On therapy, Amanda sees models as a valuable third role. They are not professional therapists. They can be knowledgeable, anonymous, and helpful as listening partners. That combination can be valuable for many users if the limitations of the relationship are clear and if systems do not misrepresent themselves as substitutes for human clinicians.
🧙♂️ LLM whisperers and the community of experimenters
What makes a good LLM whisperer? Amanda highlights three qualities: willingness to interact and iterate, experimental curiosity, and the ability to explain tasks clearly to models. Prompting is empirical. Different models respond to different styles. Good whisperers test, learn and refine.
She also appreciates community experimenters who probe models deeply. Those experiments reveal psychological quirks and potential harms. They can push developers to fix system prompts, improve training, and think about model welfare.
🚨 Safety, alignment, and the responsibilities of builders
Would developers stop building if alignment proved impossible? Amanda argues that continuing to pursue more powerful models without alignment makes no sense. The standard of evidence will often be ambiguous, but responsible teams will raise the bar for deployment as capabilities increase.
She expects organizations to take alignment seriously and supports internal and external scrutiny to ensure that safety remains central. That includes designing models that are both capable and demonstrably aligned with human values and norms.
📚 Recommended reading and final thought
Amanda recommends Benjamin Labatut's book When We Cease to Understand the World as a useful artistic reflection on living through scientific upheaval. She draws a hopeful parallel. Right now reality feels strange and unsettled. The aim is to work so future observers can look back and say we did well.

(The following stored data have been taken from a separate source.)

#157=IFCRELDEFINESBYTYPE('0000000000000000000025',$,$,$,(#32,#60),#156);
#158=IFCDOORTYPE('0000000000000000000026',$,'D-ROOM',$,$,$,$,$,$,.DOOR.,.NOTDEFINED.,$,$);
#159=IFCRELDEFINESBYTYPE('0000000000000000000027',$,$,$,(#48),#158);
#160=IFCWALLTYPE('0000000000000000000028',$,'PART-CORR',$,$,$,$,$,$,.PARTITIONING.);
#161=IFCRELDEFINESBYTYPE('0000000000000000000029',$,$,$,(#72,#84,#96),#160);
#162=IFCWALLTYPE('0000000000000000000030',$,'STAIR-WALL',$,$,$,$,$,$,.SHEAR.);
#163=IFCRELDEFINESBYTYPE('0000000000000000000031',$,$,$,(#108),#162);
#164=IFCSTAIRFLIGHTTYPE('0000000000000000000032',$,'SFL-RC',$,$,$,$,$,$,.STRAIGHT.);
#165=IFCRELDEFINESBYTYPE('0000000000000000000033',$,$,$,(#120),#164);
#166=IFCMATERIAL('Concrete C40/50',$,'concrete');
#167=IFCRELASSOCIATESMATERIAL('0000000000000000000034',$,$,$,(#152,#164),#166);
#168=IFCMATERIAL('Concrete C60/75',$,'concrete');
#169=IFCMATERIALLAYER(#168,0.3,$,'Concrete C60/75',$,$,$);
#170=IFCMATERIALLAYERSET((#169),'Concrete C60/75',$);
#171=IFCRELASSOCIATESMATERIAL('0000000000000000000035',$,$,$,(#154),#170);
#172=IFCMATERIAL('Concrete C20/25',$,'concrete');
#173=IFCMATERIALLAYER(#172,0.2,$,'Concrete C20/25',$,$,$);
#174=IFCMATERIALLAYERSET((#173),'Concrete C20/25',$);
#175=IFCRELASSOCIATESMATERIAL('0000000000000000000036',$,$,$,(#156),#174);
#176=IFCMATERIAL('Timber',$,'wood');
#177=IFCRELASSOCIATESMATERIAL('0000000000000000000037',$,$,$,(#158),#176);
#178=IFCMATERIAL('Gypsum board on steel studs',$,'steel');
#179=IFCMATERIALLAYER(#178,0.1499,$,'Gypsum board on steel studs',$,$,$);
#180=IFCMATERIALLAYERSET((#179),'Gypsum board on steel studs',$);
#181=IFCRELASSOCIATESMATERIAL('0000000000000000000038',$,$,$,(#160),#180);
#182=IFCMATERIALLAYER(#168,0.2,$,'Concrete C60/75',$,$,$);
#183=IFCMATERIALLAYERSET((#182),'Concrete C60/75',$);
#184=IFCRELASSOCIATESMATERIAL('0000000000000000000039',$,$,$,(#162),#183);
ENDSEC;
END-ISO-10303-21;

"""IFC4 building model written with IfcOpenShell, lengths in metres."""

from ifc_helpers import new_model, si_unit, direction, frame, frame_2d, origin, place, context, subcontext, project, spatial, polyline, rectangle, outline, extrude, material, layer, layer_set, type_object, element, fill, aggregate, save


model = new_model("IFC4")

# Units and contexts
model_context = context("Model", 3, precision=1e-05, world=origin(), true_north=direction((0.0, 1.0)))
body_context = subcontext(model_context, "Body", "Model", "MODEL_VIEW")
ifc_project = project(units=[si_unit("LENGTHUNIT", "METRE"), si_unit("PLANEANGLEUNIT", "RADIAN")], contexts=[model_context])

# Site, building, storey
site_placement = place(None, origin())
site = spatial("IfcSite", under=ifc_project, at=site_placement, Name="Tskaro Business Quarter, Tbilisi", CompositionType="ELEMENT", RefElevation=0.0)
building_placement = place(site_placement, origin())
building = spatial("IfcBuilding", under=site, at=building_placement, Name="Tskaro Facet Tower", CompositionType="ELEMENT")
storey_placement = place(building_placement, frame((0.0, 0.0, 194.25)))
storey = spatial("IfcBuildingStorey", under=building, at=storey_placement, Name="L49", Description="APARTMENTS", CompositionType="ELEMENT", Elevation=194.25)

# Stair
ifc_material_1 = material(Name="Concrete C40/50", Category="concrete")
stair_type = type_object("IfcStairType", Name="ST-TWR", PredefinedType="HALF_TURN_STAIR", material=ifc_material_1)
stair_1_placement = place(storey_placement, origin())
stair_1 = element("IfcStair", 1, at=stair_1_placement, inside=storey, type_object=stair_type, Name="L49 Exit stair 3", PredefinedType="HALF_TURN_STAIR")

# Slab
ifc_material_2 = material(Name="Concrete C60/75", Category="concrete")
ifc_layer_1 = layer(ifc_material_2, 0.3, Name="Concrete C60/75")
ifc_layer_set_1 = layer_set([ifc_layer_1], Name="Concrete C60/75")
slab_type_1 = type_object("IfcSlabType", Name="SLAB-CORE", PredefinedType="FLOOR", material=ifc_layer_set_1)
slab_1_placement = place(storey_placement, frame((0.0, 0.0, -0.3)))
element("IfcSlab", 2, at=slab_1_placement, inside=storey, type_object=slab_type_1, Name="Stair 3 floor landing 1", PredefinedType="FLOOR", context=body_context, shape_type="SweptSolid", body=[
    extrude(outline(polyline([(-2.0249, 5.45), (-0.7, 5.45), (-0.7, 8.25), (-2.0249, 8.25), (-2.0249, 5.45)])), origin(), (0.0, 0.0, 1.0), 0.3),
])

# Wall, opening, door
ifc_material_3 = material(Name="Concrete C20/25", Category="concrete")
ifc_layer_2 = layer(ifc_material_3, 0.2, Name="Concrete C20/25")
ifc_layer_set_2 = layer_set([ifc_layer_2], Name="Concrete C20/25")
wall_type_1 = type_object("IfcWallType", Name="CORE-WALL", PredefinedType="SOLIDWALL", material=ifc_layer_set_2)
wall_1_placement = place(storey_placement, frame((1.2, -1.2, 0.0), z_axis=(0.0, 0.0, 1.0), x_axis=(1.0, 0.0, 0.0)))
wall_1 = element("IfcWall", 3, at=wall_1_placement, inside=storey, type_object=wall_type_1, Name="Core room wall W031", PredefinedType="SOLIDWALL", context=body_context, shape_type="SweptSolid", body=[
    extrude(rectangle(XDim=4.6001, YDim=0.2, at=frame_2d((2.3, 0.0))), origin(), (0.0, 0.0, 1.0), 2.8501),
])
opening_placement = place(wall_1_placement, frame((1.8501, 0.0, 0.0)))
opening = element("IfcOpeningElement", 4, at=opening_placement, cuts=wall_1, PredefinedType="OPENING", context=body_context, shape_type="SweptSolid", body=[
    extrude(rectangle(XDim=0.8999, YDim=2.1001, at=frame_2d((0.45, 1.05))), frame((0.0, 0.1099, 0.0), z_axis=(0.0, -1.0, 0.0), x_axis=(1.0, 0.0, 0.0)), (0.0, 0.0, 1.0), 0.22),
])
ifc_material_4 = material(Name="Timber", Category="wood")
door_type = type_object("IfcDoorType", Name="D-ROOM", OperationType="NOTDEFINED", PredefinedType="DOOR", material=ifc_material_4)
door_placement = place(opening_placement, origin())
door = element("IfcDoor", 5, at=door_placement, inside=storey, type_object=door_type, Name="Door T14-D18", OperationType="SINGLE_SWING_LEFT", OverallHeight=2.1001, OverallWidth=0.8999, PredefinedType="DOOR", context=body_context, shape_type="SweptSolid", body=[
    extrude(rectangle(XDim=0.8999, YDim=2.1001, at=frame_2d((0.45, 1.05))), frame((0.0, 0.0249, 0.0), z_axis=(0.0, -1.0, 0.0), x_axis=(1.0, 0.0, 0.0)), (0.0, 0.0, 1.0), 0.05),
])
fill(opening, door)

Key takeaways for practitioners
- Design for interpretability: Help models reason about identity, deprecation and social norms.
- Reduce harm where uncertain: When the cost is low, treat ambiguous agents with care.
- Experiment openly: Community probing surfaces issues that training alone may miss.
- Raise deployment standards: As capabilities scale, so must the evidence for safety and alignment.
These are practical, philosophical and ethical levers that together shape how AI behaves and how society adapts. The work mixes the conceptual clarity of philosophy with the iterative craft of engineering. That combination will matter as models become more integrated into everyday life.